Ten major functions of BMS
(1) Battery terminal module: responsible for data acquisition, covering key parameters such as voltage, current, temperature and communication signals.
(2) Intermediate control module: communicates with the vehicle system in real time and controls key equipment such as the charger.
(3) Display module: Presents data in an intuitive way to enable efficient interaction between users and the system.
In addition, BMS also has the following core functions:
(1) Comprehensive detection of battery parameters: Real-time monitoring of total voltage, total current, individual cell voltage, etc. by sensors to ensure safe operation of the battery.
(2) Accurate battery status estimation: Real-time estimation of key indicators such as state of charge and health status, providing a scientific basis for battery management.
(3) Online fault diagnosis and alarm: Intelligent diagnostic algorithm is adopted to detect and handle various faults in a timely manner to ensure battery safety.
(4) Battery safety control: Through measures such as thermal system control and high voltage safety control, potential risks such as high temperature and overcharging are effectively prevented.
(5) Intelligent charging management: Based on battery characteristics and charger power level, the charging process is intelligently controlled to ensure safe and efficient charging.
(6) Battery balancing technology: Through active or passive balancing methods, the capacity difference of the battery pack is minimized as much as possible, and the battery life is extended.
(7) Thermal management system: Based on the temperature distribution within the battery pack and the charging and discharging requirements, the intensity of active heating or heat dissipation is intelligently adjusted to ensure that the battery operates within the optimal temperature range, thereby maximizing its performance.
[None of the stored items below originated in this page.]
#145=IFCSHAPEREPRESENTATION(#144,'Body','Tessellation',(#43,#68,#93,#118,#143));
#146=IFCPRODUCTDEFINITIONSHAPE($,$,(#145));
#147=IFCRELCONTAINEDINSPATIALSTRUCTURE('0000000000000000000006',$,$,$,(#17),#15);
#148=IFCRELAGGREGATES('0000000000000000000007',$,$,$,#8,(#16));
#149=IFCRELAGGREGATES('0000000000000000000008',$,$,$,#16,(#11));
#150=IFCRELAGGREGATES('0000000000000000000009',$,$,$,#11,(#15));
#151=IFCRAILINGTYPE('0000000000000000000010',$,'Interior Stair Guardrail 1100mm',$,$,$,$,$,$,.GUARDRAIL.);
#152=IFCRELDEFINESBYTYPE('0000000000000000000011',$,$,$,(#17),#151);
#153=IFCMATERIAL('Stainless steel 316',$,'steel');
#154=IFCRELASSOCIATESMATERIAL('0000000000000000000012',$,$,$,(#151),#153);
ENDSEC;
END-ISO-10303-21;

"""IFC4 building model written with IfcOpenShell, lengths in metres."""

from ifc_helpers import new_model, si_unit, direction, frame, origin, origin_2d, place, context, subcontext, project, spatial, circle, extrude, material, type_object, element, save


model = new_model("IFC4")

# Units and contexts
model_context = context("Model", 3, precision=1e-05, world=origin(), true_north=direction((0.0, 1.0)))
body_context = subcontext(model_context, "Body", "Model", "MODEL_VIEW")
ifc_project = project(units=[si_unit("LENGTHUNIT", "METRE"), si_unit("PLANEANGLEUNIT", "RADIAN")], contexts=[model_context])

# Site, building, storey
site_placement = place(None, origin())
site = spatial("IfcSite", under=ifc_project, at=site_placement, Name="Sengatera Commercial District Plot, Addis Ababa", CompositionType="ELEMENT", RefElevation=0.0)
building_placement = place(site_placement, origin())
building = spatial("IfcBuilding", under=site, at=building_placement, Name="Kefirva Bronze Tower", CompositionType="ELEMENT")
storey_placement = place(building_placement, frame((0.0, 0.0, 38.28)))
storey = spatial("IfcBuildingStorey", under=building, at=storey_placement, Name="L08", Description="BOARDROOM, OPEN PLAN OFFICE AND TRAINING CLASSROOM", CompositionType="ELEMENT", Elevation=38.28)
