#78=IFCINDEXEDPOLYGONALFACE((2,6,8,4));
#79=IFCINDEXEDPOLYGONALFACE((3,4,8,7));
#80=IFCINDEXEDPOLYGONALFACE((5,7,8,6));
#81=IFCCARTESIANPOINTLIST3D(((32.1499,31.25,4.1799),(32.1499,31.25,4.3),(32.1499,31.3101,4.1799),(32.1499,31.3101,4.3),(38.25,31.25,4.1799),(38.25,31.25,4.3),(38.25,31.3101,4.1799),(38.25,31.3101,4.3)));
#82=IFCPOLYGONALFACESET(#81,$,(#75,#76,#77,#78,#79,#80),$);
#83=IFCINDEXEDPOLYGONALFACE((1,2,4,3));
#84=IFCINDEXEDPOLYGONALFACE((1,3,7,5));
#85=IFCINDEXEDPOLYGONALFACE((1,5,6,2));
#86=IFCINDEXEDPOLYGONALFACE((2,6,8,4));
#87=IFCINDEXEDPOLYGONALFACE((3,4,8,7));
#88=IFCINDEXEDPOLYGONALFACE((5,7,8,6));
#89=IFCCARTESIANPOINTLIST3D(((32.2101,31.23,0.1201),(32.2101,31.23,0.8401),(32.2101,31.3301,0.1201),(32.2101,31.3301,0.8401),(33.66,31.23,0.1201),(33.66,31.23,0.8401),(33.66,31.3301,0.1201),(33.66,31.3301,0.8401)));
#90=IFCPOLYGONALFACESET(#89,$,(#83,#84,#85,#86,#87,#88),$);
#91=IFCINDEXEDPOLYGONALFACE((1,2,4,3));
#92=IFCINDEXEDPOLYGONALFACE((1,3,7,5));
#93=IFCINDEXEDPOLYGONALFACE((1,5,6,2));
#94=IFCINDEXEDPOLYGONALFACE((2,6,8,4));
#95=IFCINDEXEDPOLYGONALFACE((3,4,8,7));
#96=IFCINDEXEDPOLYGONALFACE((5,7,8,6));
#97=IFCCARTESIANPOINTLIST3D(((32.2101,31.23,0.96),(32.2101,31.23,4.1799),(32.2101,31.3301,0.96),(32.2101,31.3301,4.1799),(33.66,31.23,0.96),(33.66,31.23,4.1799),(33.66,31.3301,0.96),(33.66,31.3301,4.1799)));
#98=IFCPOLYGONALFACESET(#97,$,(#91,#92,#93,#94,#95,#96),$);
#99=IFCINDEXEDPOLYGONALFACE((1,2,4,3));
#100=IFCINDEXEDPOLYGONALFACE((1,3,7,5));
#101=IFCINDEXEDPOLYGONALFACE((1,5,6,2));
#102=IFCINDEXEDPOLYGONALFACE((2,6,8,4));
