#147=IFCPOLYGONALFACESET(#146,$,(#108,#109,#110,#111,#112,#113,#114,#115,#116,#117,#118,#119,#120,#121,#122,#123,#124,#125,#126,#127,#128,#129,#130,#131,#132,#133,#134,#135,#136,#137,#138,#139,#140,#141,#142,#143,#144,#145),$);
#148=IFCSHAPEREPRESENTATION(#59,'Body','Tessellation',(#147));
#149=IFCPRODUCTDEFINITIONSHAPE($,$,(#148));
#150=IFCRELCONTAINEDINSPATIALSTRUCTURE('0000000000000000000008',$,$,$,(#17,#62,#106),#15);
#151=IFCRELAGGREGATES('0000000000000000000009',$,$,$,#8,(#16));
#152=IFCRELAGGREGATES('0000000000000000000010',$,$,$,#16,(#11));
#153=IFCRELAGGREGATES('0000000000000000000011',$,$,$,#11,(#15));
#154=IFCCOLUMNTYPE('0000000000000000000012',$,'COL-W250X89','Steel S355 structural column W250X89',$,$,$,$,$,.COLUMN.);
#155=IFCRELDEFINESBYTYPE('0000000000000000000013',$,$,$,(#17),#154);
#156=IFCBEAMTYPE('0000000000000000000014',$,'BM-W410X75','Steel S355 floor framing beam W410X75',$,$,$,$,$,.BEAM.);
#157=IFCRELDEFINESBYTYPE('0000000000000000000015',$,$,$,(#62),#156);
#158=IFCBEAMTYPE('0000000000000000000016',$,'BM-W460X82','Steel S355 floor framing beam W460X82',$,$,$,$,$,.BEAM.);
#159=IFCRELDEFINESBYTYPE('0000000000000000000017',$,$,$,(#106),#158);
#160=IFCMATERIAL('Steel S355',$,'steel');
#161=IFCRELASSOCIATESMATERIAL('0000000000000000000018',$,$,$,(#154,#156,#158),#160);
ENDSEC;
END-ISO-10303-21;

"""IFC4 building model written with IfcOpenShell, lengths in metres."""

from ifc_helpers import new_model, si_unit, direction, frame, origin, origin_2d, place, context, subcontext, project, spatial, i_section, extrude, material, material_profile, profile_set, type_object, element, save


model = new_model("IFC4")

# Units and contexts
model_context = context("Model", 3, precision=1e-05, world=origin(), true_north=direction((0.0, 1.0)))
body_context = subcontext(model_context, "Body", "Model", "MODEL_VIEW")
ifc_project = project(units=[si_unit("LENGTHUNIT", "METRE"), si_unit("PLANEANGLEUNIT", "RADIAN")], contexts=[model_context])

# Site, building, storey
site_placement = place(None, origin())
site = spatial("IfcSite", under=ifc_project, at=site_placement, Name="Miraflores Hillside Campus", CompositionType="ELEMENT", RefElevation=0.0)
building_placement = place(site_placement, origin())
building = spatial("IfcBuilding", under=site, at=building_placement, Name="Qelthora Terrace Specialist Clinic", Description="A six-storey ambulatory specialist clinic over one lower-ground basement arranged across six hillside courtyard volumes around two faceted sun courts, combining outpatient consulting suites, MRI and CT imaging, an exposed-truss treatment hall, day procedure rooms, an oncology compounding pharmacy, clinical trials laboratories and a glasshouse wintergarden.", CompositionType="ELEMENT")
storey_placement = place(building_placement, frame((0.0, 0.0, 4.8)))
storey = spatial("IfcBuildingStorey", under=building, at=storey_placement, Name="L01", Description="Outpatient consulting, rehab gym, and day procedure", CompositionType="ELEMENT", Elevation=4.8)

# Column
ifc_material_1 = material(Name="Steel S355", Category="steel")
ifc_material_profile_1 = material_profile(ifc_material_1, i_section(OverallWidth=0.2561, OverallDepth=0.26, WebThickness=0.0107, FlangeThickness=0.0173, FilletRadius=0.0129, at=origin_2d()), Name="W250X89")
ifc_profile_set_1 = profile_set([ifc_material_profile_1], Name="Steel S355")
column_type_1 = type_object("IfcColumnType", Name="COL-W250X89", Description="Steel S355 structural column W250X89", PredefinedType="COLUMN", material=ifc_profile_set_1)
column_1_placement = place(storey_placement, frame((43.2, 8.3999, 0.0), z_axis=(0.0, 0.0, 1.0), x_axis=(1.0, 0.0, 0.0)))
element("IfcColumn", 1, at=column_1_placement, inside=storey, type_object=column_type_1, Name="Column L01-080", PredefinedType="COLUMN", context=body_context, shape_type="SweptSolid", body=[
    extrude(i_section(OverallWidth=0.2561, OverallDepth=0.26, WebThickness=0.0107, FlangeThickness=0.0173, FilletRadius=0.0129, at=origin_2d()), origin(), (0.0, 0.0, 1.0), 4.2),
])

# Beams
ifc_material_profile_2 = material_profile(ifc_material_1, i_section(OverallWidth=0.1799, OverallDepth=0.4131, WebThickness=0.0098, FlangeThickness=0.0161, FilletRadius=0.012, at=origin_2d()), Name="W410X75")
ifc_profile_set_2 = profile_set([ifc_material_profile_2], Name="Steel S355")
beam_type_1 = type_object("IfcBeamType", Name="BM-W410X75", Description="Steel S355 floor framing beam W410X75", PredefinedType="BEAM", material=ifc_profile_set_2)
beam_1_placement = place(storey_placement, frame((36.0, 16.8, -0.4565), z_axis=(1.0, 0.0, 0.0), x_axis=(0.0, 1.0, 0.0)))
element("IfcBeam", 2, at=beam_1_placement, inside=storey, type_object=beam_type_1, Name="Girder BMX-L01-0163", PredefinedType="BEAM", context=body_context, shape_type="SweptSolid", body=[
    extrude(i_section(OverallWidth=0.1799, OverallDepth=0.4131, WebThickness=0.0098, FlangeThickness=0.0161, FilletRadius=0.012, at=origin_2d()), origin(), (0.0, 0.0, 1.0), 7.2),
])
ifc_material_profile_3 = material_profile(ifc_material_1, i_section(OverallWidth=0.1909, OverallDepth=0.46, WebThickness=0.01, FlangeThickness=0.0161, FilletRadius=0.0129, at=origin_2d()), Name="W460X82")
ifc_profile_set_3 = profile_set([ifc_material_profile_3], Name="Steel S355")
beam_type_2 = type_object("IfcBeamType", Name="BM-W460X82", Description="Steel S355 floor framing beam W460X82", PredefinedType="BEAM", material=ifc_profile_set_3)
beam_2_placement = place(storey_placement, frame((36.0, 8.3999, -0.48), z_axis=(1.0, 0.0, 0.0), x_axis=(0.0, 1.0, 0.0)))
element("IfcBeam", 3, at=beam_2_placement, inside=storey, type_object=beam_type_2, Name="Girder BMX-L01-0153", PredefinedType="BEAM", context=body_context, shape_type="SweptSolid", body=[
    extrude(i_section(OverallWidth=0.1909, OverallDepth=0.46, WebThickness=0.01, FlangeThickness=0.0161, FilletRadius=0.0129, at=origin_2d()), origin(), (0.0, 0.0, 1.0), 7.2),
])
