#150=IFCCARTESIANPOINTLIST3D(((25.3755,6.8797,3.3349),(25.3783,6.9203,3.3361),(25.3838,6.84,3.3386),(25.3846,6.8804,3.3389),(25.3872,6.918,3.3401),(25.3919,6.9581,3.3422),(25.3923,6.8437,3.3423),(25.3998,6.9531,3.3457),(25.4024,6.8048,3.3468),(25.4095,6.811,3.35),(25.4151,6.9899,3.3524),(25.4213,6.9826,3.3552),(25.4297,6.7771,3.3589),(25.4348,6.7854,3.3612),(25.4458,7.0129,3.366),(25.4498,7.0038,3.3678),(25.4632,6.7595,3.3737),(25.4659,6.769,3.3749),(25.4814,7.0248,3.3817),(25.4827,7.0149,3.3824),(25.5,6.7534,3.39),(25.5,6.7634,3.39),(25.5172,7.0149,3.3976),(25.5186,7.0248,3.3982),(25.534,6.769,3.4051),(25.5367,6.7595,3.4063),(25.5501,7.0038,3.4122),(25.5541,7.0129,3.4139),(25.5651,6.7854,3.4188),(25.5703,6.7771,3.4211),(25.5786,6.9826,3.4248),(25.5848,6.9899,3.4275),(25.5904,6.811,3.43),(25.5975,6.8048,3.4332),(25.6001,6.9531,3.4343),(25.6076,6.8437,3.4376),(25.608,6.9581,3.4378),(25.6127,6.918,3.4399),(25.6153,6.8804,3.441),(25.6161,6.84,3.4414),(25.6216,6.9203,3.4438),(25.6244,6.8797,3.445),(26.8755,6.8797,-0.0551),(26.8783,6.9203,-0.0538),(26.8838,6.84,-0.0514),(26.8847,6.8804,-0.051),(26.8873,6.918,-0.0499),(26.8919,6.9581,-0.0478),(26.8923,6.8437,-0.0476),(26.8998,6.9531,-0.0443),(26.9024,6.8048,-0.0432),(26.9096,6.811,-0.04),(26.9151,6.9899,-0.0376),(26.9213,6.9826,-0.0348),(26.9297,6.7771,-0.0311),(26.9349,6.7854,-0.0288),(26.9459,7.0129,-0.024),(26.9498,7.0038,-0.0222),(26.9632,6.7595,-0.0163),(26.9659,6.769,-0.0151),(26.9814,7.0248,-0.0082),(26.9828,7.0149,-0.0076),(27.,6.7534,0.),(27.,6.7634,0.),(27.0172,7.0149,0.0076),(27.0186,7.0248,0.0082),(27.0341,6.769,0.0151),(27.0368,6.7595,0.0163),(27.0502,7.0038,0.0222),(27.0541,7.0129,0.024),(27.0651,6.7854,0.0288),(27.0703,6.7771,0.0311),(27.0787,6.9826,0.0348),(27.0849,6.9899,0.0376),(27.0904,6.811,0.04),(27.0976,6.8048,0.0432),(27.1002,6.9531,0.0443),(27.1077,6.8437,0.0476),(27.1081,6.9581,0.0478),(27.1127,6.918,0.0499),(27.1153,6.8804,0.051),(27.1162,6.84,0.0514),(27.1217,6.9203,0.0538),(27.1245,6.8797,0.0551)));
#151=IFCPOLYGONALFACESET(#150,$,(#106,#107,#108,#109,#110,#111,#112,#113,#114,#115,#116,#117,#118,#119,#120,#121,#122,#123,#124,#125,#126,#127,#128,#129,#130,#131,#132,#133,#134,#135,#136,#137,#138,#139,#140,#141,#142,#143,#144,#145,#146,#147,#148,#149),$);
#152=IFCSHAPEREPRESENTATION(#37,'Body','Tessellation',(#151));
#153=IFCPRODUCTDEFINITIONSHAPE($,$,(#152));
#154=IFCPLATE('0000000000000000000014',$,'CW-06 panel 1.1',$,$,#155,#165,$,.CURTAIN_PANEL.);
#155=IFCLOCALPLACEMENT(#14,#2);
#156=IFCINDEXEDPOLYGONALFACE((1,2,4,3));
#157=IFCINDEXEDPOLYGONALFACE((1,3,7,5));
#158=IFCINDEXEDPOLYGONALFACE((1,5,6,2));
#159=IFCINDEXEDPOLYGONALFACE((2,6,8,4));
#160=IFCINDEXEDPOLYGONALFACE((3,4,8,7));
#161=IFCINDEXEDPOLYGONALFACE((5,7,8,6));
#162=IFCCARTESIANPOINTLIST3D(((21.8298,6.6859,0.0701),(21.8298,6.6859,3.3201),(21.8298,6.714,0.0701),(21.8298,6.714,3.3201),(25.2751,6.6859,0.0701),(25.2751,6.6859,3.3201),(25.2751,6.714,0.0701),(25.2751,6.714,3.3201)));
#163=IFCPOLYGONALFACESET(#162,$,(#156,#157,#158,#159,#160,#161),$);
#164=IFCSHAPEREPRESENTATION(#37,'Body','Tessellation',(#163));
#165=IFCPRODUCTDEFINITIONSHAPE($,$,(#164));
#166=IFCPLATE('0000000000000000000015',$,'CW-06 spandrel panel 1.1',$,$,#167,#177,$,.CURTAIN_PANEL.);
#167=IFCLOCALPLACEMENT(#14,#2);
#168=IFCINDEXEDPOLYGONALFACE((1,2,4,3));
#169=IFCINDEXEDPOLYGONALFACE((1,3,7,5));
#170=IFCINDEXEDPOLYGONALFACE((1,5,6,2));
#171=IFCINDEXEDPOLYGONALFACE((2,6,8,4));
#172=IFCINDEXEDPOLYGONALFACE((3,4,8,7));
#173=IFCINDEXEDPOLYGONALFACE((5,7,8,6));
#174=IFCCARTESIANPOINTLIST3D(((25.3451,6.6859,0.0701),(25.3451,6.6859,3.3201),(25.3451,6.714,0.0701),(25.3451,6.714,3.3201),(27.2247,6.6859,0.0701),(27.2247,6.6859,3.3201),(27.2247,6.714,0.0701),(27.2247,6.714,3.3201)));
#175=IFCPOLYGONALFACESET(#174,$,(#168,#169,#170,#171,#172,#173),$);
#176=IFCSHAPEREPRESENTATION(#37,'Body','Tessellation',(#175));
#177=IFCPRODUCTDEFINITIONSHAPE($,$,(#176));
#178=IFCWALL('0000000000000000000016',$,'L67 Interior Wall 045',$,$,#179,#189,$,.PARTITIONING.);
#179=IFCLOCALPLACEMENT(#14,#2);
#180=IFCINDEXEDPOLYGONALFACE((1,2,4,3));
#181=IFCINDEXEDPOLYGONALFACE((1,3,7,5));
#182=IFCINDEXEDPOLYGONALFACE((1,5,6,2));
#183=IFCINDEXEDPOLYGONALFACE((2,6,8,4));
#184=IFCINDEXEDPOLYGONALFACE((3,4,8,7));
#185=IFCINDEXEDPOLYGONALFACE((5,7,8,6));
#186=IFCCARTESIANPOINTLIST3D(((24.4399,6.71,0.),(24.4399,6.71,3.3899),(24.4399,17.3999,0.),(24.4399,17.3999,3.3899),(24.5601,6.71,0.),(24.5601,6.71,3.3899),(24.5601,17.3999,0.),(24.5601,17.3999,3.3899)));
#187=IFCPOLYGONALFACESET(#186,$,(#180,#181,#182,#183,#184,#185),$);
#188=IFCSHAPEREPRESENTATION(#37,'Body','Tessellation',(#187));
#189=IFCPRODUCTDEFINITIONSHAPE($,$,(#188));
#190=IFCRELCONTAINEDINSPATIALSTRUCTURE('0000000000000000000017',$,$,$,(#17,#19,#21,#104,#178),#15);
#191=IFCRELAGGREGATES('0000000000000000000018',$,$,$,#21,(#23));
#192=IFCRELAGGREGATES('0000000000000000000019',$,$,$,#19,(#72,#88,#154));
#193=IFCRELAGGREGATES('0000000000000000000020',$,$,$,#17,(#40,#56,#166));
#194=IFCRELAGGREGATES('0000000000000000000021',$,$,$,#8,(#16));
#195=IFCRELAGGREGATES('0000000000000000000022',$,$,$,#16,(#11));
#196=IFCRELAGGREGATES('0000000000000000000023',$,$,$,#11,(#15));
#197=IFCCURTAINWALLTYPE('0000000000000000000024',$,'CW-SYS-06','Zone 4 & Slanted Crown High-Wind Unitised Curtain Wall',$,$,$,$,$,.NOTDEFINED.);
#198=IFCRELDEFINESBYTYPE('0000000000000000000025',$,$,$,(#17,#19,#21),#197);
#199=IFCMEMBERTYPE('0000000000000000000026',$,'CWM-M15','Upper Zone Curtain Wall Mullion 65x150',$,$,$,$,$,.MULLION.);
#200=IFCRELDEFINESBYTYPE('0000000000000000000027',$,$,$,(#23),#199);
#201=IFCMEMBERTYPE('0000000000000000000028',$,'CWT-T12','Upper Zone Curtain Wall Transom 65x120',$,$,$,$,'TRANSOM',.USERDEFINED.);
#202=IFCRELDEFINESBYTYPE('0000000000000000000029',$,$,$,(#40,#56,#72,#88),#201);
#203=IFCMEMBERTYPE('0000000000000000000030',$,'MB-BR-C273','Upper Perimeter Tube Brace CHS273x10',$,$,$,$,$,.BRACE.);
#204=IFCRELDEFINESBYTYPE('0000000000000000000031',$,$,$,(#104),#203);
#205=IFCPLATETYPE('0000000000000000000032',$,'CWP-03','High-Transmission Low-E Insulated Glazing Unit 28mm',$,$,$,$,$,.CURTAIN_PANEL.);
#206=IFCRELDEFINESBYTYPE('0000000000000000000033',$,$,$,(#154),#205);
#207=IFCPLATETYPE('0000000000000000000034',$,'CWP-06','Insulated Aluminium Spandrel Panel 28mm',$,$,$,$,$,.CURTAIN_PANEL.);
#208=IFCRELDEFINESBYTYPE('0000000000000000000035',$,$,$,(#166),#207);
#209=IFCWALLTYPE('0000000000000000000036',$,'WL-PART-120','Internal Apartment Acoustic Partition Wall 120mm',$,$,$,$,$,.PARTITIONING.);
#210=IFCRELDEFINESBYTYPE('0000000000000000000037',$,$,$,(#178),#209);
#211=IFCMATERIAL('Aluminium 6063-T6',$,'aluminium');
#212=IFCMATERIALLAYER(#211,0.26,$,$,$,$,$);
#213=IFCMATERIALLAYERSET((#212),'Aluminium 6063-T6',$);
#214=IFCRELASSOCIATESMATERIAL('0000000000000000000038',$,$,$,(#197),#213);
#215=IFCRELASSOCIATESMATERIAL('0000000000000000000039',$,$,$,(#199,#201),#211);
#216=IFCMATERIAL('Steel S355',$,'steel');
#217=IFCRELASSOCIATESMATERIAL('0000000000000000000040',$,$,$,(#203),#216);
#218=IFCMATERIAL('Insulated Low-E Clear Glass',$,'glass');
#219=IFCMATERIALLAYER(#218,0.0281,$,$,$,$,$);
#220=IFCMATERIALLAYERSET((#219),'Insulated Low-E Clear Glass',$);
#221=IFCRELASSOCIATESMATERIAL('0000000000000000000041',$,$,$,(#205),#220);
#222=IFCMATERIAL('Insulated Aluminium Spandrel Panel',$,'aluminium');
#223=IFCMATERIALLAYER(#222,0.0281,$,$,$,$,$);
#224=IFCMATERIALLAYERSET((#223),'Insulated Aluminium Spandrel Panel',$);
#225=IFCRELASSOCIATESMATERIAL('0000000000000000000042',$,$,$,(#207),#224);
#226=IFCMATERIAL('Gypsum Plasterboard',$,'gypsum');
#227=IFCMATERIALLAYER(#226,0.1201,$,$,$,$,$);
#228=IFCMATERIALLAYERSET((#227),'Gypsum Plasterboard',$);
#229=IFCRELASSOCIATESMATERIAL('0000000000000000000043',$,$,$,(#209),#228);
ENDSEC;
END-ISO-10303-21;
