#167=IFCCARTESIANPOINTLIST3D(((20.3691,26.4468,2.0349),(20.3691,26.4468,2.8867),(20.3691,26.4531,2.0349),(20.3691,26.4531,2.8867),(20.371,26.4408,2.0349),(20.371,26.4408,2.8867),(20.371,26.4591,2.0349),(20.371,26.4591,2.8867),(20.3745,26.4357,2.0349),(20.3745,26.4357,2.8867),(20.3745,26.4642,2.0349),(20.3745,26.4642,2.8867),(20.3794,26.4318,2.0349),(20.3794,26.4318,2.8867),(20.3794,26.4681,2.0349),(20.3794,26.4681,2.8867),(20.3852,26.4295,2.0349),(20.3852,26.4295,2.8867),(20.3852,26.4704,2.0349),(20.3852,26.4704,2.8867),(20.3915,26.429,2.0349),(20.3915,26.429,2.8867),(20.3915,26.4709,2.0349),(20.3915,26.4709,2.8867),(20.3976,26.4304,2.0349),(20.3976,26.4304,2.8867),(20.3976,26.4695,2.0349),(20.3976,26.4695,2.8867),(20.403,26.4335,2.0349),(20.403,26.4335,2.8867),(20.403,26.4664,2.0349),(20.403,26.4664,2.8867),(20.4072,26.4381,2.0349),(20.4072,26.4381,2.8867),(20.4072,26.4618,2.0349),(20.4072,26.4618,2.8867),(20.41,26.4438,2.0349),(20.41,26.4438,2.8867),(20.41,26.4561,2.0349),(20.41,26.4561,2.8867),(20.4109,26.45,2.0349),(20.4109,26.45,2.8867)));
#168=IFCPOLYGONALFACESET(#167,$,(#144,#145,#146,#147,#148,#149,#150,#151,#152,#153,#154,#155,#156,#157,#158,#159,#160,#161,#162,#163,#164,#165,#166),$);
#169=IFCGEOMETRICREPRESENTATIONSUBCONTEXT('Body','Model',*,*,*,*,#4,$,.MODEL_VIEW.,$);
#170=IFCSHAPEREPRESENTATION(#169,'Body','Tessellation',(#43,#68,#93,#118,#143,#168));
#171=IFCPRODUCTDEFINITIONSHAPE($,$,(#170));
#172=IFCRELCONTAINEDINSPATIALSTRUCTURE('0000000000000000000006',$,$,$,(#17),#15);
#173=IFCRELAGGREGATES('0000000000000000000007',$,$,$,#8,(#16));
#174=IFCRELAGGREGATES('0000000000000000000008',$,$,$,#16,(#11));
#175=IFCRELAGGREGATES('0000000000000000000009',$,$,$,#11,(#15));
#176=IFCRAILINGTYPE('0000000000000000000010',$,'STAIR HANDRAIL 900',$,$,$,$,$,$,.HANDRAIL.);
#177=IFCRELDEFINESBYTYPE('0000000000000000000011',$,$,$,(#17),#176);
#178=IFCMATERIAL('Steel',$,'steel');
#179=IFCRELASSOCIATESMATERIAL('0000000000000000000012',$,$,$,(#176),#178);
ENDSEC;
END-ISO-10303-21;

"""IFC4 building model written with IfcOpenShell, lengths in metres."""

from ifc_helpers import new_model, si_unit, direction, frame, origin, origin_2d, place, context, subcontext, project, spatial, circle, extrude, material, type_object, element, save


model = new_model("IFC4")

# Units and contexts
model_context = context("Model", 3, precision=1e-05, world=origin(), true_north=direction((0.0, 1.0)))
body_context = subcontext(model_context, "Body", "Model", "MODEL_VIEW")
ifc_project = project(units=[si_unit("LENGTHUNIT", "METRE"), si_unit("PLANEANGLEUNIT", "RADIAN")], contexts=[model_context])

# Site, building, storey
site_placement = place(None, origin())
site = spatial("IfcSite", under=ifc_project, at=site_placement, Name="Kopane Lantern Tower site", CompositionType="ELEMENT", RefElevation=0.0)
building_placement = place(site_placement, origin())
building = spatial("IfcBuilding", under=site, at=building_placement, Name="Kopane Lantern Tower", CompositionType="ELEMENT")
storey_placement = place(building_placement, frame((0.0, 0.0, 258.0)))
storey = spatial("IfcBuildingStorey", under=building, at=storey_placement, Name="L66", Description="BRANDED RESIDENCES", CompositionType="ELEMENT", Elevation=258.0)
(8) Network Communication Function: The BMS needs to communicate in real time with network nodes such as the vehicle controller. Furthermore, considering the inconvenience of disassembling the BMS on the vehicle, online calibration, monitoring, upgrades, and maintenance operations need to be performed without disassembling the casing. The vehicle network typically uses the CAN bus for data transmission.
(9) Information storage capacity: The BMS should have the function of storing key data, such as the battery's state of charge (SOC), state of health (SOH), state of fault (SOF), as well as accumulated charge and discharge Ah, fault codes and battery consistency information.
(10) Electromagnetic compatibility: Electric vehicles are often used in harsh environments, so the BMS is required to have good electromagnetic interference resistance and reduce electromagnetic radiation to the outside world.